Même s’il ne gère pas l’équilibre entre carburant et énergie électrique, le rôle du pilote n’est pas réduit pour autant par rapport à 2013. C’est même l’inverse et son travail sera plus ardu que lors des saisons précédentes. Il devra en effet toujours batailler avec la monoplace pour en garder le contrôle dans les zones de freinage appuyé, toujours adapter le freinage pour éviter de sous-virer, gérer la pédale d’accélérateur avec délicatesse à mi-virage, affronter les enchaînements complexes, avaler les courbes à haute vitesse... En termes de style de pilotage, cependant, des ajustements seront probablement nécessaires.
« La réponse de l’accélérateur va également varier et le pilote devra s’y adapter, explique Tokunaga. Dans les faits, une fois que le pilote accélère à fond, les systèmes de contrôle gèrent la puissance du propulseur, l’objectif étant de réduire le temps au tour avec le niveau d’énergie donné. A pleine charge, le moteur n’a toutefois plus besoin de délivrer sa puissance maximale. En appuyant à fond sur la pédale d’accélérateur, le pilote envoie un signal au propulseur, laquelle libère ensuite le maximum de puissance en fonction des différents niveaux d’énergie disponibles à l’instant donné. Il devra tout de même ajuster son pilotage au comportement de la voiture et de ses nouveaux systèmes de récupération d’énergie ».
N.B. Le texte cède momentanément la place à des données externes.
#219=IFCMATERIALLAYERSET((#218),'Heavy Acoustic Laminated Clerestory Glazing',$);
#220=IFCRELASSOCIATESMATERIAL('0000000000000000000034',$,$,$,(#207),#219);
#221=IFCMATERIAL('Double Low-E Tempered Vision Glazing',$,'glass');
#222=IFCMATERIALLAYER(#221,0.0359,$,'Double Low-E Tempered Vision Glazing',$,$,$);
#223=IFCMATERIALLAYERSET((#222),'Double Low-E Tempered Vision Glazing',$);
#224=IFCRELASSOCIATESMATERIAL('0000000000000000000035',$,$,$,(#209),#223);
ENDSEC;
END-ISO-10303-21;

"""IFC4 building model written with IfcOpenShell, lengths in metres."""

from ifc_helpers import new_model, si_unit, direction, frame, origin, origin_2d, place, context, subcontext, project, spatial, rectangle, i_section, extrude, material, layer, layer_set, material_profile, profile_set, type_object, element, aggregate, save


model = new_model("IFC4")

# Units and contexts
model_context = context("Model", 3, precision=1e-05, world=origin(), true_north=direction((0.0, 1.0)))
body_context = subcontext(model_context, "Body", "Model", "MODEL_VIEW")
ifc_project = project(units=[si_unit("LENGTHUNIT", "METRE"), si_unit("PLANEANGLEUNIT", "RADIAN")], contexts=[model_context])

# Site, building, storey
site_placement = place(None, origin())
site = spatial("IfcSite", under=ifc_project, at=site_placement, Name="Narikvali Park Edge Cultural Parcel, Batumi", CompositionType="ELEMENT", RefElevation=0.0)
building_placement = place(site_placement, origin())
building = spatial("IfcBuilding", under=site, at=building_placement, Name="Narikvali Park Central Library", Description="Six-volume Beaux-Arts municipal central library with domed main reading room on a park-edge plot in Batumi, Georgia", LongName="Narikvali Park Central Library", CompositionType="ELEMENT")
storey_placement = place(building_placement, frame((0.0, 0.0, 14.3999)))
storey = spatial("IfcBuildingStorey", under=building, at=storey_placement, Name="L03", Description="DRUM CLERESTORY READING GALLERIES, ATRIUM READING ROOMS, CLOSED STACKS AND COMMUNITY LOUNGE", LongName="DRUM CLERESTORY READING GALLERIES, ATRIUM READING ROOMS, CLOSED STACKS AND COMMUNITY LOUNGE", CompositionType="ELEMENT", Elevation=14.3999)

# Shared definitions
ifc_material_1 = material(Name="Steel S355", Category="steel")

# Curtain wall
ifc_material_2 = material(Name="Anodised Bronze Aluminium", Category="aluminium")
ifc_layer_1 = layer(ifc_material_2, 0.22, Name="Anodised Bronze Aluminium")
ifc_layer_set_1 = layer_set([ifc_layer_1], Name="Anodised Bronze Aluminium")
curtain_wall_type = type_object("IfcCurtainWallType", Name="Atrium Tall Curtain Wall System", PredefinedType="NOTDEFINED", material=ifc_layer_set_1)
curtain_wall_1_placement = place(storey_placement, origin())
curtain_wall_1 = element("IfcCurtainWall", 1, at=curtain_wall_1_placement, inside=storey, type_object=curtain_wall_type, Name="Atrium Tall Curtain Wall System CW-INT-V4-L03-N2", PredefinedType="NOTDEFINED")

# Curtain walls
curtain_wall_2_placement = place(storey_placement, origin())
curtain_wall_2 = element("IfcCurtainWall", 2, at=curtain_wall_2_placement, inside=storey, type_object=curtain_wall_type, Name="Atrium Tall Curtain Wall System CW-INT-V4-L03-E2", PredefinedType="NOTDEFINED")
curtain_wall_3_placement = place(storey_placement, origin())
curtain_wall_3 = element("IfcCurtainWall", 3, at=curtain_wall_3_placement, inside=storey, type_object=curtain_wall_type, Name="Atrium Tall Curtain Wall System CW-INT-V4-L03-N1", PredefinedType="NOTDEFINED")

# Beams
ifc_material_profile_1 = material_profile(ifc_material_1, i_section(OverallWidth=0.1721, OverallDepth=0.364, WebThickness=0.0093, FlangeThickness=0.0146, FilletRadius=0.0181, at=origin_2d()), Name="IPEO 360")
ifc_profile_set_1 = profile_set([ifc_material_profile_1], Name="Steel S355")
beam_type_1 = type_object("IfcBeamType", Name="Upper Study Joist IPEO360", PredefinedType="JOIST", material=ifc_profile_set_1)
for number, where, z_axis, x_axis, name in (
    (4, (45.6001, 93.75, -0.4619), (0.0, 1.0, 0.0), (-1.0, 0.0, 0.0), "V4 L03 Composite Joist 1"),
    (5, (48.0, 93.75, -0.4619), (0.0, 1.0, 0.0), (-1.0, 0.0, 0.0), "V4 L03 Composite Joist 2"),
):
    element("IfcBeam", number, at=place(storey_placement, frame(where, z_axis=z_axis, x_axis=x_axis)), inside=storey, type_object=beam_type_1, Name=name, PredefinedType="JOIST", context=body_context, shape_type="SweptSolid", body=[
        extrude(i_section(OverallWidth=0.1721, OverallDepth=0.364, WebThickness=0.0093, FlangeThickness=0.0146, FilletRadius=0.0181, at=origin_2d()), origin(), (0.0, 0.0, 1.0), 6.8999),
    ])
La gestion de la course et la stratégie employée seront plus flexibles que par le passé et la solution optimale variera considérablement d’un circuit à l’autre. Elle dépendra de facteurs aussi divers que le pourcentage de temps passé à pleine charge sur un tour, la vitesse de passage dans les courbes et la configuration aérodynamique de la voiture.
« Auparavant, les constructeurs rivalisaient pour atteindre le niveau de puissance le plus élevé. Désormais, ils rivaliseront pour trouver les solutions les plus intelligentes pour gérer la consommation d’énergie » conclut Tokunaga.
LES QUALIFICATIONS EN 2014 ? À FOND, COMME TOUJOURS !
En 2014, les séances de qualifications du samedi se disputeront à pleine charge, ce qui signifie que la voiture la plus rapide sera effectivement en pole le lendemain. La restriction sur le débit d’alimentation en carburant de 100 kg/h s’appliquera, certes, mais celle de 100 kilos sur la quantité d’essence embarquée n’aura aucun impact puisque les monoplaces n’en consomment que très peu sur un tour.
Sur un tour lancé, le pilote pourra utiliser la totalité du débit de carburant autorisé ainsi que l’intégralité de l’énergie électrique contenue dans la batterie. S’il décide toutefois d’utiliser toute son énergie sur un tour, il ne pourra pas couvrir une seconde boucle à pleine vitesse. Ce facteur devrait donner lieu à des séances encore plus intenses, avec des stratégies décalées entre les différentes écuries.